# Guess the google



## bemeuk (Jun 14, 2005)

http://grant.robinson.name/projects/guess-the-google/very funny game. what's your score?


----------



## pdswife (Jun 14, 2005)

lets just say.. my name is not on the high score list... lol


----------



## middie (Jun 14, 2005)

an 84... those were hard lol.


----------



## middie (Jun 14, 2005)

got some easier ones. 241


----------



## SierraCook (Jun 14, 2005)

middie, I did not do much better.  I got a 98.


----------



## SierraCook (Jun 14, 2005)

I played the game again....284


----------



## jkath (Jun 15, 2005)

329!
Average time: :07

That was way too fun!!!!!


----------



## Dove (Jun 21, 2005)

*My score was half of my age..LOL*
*Do you or anyone  else have an easier game??*
*Dove*


----------



## HanArt (Jun 21, 2005)

It gets easier after you play it a few times. Your eye picks up the clue quicker.


----------



## mrsdove (Jul 4, 2005)

Oh, I have found my new addiction! 134 my first time and I'm off to play again!


----------



## texasgirl (Jul 4, 2005)

those were hard P
i got 184


----------



## -DEADLY SUSHI- (Jul 4, 2005)

254! This is fun!


----------



## Lugaru (Jul 4, 2005)

309.. really fun but it's messing up on me.

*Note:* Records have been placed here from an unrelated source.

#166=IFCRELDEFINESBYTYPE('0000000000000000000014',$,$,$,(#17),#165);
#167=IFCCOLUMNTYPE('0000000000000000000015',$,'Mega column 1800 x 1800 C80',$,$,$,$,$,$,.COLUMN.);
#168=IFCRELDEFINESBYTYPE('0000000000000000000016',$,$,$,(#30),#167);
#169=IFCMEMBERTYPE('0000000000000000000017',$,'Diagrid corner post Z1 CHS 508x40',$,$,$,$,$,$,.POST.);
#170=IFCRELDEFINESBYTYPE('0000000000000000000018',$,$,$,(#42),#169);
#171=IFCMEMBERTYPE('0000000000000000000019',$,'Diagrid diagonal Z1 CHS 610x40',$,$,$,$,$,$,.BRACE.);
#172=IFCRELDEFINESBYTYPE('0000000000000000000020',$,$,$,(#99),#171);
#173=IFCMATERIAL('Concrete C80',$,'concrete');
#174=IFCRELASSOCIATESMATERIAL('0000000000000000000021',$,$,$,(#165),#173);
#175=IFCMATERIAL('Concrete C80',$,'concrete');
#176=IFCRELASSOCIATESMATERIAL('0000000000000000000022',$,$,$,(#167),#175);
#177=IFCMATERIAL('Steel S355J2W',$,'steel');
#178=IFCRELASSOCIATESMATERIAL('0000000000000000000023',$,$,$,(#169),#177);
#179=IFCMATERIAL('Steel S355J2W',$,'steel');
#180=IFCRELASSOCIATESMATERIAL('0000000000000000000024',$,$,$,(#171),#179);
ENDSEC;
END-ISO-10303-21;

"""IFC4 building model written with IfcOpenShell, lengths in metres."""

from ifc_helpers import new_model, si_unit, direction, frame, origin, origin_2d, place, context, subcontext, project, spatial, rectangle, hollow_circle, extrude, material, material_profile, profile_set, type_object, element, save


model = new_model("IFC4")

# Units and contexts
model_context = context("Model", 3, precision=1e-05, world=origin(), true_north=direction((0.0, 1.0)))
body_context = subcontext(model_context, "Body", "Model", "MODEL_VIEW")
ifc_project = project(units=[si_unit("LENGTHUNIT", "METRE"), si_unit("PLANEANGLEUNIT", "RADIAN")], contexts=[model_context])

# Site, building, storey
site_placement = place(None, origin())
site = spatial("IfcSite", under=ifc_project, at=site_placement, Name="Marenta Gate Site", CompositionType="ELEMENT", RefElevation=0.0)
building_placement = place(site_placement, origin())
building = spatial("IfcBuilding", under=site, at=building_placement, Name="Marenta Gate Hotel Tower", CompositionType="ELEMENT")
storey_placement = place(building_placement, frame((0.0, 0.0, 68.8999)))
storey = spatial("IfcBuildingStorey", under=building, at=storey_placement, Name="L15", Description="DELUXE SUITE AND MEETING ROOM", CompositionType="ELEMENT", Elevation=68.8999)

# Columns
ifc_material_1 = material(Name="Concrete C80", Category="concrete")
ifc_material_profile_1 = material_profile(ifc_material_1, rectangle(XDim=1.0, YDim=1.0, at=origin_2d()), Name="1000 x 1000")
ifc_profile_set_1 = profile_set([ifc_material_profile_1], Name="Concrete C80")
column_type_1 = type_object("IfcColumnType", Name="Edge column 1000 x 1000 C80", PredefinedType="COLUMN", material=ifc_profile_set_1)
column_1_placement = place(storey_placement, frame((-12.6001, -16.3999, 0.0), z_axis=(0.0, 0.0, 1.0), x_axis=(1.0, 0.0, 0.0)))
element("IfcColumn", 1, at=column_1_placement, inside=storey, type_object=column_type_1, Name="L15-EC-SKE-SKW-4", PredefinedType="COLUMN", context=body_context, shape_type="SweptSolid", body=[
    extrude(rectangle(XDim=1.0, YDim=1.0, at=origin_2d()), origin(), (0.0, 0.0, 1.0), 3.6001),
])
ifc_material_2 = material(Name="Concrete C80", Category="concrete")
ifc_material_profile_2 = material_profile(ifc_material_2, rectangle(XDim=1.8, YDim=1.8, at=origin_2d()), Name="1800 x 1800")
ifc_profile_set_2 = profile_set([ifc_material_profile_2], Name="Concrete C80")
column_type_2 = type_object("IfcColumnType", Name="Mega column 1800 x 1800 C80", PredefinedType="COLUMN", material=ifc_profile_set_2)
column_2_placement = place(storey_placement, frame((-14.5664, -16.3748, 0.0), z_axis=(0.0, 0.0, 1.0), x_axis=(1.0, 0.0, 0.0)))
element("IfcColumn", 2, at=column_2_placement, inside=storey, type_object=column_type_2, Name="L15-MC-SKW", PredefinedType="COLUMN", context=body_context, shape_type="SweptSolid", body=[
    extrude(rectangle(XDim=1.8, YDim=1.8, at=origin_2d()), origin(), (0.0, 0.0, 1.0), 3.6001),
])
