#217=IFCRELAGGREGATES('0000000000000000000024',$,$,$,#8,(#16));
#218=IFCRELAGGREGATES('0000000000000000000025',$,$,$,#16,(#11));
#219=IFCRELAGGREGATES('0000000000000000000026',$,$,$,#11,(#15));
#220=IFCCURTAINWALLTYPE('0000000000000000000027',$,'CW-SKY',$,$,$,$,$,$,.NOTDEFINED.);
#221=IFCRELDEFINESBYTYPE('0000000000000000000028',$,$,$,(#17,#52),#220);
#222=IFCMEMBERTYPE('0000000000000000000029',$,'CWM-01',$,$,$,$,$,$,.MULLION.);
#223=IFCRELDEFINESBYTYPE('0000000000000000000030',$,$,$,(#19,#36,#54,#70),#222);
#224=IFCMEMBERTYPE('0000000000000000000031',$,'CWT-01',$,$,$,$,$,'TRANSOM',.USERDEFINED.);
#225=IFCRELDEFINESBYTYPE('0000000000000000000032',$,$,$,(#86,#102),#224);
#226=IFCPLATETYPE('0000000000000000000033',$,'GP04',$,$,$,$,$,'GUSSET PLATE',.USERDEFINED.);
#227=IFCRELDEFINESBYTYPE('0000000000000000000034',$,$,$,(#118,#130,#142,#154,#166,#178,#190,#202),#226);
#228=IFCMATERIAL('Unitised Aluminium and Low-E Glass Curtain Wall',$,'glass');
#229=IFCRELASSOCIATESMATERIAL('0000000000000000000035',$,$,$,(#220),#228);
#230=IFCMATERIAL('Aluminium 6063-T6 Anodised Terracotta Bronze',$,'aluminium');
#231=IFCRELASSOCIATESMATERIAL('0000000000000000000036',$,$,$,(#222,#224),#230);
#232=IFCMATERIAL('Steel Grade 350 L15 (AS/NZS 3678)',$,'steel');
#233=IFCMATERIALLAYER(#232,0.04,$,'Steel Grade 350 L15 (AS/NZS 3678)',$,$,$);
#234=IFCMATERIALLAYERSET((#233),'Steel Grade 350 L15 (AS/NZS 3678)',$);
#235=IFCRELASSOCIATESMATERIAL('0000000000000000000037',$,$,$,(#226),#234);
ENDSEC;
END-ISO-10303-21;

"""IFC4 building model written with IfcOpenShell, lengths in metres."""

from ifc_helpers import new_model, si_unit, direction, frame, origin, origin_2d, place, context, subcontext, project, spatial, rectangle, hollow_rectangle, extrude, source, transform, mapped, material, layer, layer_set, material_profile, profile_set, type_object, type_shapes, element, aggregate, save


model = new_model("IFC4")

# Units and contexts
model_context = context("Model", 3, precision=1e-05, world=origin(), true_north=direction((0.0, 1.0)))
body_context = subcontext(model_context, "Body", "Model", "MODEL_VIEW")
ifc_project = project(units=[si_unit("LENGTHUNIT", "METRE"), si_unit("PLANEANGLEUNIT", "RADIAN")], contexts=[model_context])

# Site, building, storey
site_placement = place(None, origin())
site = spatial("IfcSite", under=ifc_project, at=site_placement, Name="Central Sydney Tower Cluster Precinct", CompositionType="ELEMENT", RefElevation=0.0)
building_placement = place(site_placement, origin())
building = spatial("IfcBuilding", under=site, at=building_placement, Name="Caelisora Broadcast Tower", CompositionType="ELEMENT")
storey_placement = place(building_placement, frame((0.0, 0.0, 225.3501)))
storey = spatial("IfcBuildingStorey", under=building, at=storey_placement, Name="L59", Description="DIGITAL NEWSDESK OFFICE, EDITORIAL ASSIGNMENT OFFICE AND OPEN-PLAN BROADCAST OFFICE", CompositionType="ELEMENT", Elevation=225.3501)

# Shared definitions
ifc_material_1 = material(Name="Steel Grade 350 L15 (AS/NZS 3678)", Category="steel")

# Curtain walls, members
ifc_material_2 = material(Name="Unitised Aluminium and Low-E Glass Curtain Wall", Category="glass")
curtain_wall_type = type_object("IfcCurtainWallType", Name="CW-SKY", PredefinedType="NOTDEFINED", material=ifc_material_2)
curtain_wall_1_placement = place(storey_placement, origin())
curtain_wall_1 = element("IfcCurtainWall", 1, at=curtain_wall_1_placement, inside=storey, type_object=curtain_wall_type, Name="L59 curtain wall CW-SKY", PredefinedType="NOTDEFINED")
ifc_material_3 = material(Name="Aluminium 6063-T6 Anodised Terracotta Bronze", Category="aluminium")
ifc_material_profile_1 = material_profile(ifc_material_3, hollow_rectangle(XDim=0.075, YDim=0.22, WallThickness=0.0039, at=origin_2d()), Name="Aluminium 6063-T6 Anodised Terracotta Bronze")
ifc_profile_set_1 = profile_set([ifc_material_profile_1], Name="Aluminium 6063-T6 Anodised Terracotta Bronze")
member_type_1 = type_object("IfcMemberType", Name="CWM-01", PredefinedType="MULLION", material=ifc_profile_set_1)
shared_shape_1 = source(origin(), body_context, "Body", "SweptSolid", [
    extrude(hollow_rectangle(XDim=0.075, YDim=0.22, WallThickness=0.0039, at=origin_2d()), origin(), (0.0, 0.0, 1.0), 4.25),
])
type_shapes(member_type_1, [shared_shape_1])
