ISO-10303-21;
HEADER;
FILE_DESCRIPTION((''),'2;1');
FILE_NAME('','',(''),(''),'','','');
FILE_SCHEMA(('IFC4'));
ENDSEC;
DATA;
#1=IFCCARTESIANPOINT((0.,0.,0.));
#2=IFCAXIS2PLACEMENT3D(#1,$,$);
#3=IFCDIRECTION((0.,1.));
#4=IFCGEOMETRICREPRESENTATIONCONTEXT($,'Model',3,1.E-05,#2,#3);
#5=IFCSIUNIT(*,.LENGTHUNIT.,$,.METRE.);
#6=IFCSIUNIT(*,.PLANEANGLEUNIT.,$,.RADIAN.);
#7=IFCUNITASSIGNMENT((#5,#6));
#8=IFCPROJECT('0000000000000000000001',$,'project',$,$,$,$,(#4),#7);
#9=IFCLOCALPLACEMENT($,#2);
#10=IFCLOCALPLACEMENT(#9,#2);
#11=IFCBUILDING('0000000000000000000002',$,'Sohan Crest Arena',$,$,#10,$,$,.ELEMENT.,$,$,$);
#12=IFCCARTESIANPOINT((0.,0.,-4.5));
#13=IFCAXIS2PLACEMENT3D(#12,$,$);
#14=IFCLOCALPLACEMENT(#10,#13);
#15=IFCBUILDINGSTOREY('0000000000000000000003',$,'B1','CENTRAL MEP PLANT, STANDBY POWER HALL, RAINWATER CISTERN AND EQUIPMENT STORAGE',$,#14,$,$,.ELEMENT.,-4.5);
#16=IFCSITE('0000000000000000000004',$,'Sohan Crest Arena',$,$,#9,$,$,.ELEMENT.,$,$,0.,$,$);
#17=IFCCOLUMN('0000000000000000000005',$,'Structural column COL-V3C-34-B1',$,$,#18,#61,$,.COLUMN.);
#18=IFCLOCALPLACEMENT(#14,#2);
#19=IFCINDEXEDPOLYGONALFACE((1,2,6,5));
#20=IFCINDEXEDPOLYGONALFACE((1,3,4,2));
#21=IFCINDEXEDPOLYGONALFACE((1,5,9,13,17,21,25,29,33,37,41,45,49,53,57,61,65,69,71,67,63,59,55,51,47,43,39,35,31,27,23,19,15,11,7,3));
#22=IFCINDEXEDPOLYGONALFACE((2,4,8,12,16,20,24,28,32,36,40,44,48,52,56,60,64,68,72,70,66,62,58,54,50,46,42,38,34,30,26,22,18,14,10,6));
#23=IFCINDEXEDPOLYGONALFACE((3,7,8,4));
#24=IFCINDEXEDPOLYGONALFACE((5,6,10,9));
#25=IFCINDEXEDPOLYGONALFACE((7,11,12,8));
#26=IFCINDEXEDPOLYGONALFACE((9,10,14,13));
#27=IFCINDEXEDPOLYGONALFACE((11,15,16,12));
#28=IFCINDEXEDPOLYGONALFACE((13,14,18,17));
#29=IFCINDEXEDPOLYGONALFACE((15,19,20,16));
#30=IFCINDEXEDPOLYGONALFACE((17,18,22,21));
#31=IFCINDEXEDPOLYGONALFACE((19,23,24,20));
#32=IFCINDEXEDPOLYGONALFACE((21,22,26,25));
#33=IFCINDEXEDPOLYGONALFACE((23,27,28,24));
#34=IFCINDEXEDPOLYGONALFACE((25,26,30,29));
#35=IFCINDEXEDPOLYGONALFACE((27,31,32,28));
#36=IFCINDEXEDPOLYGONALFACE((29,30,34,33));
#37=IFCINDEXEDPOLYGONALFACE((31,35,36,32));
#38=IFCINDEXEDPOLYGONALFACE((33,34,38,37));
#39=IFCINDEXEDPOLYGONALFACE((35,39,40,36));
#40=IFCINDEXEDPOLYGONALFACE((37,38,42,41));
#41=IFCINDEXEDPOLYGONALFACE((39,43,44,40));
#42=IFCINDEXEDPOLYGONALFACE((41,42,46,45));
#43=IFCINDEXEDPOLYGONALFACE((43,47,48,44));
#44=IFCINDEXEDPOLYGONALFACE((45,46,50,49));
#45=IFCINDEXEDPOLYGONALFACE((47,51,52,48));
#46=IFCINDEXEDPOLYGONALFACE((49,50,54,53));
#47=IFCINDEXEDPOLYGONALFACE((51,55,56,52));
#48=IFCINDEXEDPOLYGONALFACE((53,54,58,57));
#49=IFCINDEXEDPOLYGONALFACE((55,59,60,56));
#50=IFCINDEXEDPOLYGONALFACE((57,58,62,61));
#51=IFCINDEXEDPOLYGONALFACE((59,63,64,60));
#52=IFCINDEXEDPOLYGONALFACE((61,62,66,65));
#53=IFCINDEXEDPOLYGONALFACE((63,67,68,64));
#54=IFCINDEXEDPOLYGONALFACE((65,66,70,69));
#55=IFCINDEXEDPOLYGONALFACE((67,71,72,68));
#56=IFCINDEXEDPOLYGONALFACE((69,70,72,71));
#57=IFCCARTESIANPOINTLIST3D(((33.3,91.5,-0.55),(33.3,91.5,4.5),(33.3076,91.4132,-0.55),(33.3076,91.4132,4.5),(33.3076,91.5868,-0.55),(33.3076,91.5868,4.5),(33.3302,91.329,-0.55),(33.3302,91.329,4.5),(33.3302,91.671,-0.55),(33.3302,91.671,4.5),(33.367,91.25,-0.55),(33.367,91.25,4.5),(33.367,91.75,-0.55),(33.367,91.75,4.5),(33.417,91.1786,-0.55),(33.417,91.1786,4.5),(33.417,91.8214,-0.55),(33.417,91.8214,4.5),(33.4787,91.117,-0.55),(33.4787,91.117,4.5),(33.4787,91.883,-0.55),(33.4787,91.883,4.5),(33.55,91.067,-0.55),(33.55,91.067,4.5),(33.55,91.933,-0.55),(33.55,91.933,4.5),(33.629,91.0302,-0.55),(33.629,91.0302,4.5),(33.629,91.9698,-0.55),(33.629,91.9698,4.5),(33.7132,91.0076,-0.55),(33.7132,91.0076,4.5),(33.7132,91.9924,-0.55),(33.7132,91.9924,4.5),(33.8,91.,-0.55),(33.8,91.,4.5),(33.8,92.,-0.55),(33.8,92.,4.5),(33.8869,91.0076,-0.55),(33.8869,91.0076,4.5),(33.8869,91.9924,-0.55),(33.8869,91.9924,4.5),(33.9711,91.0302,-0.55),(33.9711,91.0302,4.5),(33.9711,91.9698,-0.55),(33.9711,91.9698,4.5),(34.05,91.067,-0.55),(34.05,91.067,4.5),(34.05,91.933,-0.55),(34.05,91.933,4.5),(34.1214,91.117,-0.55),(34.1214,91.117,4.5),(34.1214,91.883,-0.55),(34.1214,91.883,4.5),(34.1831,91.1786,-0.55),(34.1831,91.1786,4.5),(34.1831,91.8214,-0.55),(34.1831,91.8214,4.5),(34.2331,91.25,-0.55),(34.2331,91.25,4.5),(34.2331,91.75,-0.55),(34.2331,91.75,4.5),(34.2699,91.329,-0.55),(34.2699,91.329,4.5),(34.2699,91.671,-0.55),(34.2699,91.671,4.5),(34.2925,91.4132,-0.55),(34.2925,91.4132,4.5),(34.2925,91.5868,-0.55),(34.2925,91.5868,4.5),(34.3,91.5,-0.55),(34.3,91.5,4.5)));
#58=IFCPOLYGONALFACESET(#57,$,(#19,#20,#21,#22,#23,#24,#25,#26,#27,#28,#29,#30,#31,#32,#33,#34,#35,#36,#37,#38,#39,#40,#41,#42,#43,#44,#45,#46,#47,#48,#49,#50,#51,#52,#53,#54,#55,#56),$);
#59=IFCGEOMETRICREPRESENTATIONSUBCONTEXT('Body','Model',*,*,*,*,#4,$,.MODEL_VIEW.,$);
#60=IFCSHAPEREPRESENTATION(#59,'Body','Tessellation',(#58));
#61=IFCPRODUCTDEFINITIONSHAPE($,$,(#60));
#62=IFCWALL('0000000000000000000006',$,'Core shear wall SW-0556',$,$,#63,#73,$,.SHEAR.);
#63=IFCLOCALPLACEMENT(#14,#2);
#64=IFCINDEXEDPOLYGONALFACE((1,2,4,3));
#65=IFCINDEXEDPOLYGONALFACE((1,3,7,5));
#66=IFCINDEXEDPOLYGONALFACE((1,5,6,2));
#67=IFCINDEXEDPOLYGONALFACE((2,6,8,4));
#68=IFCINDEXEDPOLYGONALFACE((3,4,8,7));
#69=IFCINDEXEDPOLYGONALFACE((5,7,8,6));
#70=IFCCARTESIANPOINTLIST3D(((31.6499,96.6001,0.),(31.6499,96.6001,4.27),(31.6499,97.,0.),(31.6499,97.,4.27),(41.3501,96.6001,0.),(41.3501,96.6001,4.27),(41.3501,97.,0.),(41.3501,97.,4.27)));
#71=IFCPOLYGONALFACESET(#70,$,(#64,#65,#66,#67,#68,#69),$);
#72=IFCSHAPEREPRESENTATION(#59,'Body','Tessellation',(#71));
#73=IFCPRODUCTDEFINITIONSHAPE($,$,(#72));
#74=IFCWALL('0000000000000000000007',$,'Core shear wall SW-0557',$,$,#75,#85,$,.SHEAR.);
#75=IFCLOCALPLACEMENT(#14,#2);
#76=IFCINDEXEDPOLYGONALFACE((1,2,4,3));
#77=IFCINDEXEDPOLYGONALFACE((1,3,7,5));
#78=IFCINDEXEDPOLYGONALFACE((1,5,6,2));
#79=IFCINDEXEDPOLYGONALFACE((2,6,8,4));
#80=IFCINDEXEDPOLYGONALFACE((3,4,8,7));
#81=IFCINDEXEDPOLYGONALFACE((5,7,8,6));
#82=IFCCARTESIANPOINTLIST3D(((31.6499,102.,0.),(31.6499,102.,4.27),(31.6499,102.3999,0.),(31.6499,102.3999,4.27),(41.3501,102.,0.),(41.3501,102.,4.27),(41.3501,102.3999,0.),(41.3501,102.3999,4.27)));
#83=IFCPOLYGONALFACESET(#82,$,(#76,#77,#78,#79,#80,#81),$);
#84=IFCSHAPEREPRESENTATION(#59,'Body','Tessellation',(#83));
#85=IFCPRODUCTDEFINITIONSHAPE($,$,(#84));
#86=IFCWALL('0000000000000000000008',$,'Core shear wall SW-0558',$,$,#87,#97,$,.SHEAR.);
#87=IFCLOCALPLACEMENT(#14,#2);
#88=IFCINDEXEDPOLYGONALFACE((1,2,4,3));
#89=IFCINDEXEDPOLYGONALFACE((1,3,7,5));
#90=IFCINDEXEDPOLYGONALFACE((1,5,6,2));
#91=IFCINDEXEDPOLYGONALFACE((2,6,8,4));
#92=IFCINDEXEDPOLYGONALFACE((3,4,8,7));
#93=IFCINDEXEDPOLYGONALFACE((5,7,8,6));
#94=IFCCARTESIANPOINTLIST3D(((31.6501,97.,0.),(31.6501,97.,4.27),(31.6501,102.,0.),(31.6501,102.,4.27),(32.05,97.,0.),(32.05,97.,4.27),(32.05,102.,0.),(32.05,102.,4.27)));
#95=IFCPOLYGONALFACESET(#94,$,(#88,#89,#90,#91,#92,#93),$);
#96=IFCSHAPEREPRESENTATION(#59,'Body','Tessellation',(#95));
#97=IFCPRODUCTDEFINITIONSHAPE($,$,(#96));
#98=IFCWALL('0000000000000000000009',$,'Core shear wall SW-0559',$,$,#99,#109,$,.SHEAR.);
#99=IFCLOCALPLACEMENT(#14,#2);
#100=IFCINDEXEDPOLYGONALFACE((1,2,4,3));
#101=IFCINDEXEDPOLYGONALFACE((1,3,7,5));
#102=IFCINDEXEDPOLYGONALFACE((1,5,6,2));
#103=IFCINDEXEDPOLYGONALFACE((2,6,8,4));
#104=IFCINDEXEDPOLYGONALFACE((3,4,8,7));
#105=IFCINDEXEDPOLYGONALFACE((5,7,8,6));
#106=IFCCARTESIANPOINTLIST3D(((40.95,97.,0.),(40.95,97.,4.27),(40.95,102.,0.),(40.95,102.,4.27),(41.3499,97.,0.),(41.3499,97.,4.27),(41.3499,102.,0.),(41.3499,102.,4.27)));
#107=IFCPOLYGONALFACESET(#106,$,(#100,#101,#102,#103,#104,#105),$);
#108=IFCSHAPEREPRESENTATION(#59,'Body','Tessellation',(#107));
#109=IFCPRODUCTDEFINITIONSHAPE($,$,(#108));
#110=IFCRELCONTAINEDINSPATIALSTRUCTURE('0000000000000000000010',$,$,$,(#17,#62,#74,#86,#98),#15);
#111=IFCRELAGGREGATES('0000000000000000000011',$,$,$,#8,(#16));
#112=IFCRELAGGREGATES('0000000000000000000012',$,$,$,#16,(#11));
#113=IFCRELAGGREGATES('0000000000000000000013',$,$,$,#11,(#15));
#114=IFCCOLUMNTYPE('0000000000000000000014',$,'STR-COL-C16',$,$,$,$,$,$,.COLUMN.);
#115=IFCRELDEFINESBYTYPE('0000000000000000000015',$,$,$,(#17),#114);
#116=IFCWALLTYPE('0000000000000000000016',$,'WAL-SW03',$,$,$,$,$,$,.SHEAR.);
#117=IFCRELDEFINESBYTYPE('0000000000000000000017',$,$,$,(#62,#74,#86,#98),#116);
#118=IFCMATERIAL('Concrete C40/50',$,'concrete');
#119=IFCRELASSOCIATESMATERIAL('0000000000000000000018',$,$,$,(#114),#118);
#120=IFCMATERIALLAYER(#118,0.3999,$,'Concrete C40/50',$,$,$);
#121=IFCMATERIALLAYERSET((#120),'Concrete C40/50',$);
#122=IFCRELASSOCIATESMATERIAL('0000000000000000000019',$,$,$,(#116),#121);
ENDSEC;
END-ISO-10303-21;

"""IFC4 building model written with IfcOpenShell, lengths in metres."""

from ifc_helpers import new_model, si_unit, direction, frame, frame_2d, origin, origin_2d, place, context, subcontext, project, spatial, rectangle, circle, extrude, material, layer, layer_set, material_profile, profile_set, type_object, element, save


model = new_model("IFC4")

# Units and contexts
model_context = context("Model", 3, precision=1e-05, world=origin(), true_north=direction((0.0, 1.0)))
body_context = subcontext(model_context, "Body", "Model", "MODEL_VIEW")
ifc_project = project(units=[si_unit("LENGTHUNIT", "METRE"), si_unit("PLANEANGLEUNIT", "RADIAN")], contexts=[model_context])

# Site, building, storey
site_placement = place(None, origin())
site = spatial("IfcSite", under=ifc_project, at=site_placement, Name="Sohan Crest Arena", CompositionType="ELEMENT", RefElevation=0.0)
building_placement = place(site_placement, origin())
building = spatial("IfcBuilding", under=site, at=building_placement, Name="Sohan Crest Arena", CompositionType="ELEMENT")
storey_placement = place(building_placement, frame((0.0, 0.0, -4.5)))
storey = spatial("IfcBuildingStorey", under=building, at=storey_placement, Name="B1", Description="CENTRAL MEP PLANT, STANDBY POWER HALL, RAINWATER CISTERN AND EQUIPMENT STORAGE", CompositionType="ELEMENT", Elevation=-4.5)

# Shared definitions
ifc_material = material(Name="Concrete C40/50", Category="concrete")

# Column
ifc_material_profile_1 = material_profile(ifc_material, circle(Radius=0.5, at=origin_2d()), Name="RC D1000")
ifc_profile_set_1 = profile_set([ifc_material_profile_1], Name="Concrete C40/50")
column_type_1 = type_object("IfcColumnType", Name="STR-COL-C16", PredefinedType="COLUMN", material=ifc_profile_set_1)
for number, where, z_axis, x_axis, name in (
    (1, (33.8, 91.5, -0.55), (0.0, 0.0, 1.0), (1.0, 0.0, 0.0), "Structural column COL-V3C-34-B1"),
):
    element("IfcColumn", number, at=place(storey_placement, frame(where, z_axis=z_axis, x_axis=x_axis)), inside=storey, type_object=column_type_1, Name=name, PredefinedType="COLUMN", context=body_context, shape_type="SweptSolid", body=[
        extrude(circle(Radius=0.5, at=origin_2d()), origin(), (0.0, 0.0, 1.0), 5.05),
    ])

# Walls
ifc_layer = layer(ifc_material, 0.3999, Name="Concrete C40/50")
ifc_layer_set = layer_set([ifc_layer], Name="Concrete C40/50")
wall_type = type_object("IfcWallType", Name="WAL-SW03", PredefinedType="SHEAR", material=ifc_layer_set)
for number, where, z_axis, x_axis, name in (
    (2, (31.6499, 96.8, 0.0), (0.0, 0.0, 1.0), (1.0, 0.0, 0.0), "Core shear wall SW-0556"),
    (3, (31.6499, 102.2, 0.0), (0.0, 0.0, 1.0), (1.0, 0.0, 0.0), "Core shear wall SW-0557"),
):
    element("IfcWall", number, at=place(storey_placement, frame(where, z_axis=z_axis, x_axis=x_axis)), inside=storey, type_object=wall_type, Name=name, PredefinedType="SHEAR", context=body_context, shape_type="SweptSolid", body=[
        extrude(rectangle(XDim=9.7002, YDim=0.3999, at=frame_2d((4.8501, 0.0))), origin(), (0.0, 0.0, 1.0), 4.27),
    ])
for number, where, z_axis, x_axis, name in (
    (4, (31.8501, 97.0, 0.0), (0.0, 0.0, 1.0), (0.0, 1.0, 0.0), "Core shear wall SW-0558"),
    (5, (41.1499, 97.0, 0.0), (0.0, 0.0, 1.0), (0.0, 1.0, 0.0), "Core shear wall SW-0559"),
):
    element("IfcWall", number, at=place(storey_placement, frame(where, z_axis=z_axis, x_axis=x_axis)), inside=storey, type_object=wall_type, Name=name, PredefinedType="SHEAR", context=body_context, shape_type="SweptSolid", body=[
        extrude(rectangle(XDim=5.0, YDim=0.3999, at=frame_2d((2.5, 0.0))), origin(), (0.0, 0.0, 1.0), 4.27),
    ])

save(model, "model.ifc")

Like it's stuck on 20 and I punch in like 5 words (Im a fast typer) and next thing I know it's down to 17 and like my first word was the right one.


----------



## texasgirl (Jul 4, 2005)

It can't keep up with you Speedy Lugaru


----------



## corazon (Jul 6, 2005)

well, after playing it over and over the best score I got was 330.  There are certain ones that keep coming up that I can't seem to get for the life of me.  Oh well.
-Brooke


----------



## mandy (Jul 6, 2005)

I've been trying for 3 days to do this and it has only work once!  It just keeps saying that it's loading!!  Is no one else having trouble??  I liked it the one time it worked.


----------



## Bee (Jul 27, 2005)

Ooh this is fun!!! Best score so far is 313


----------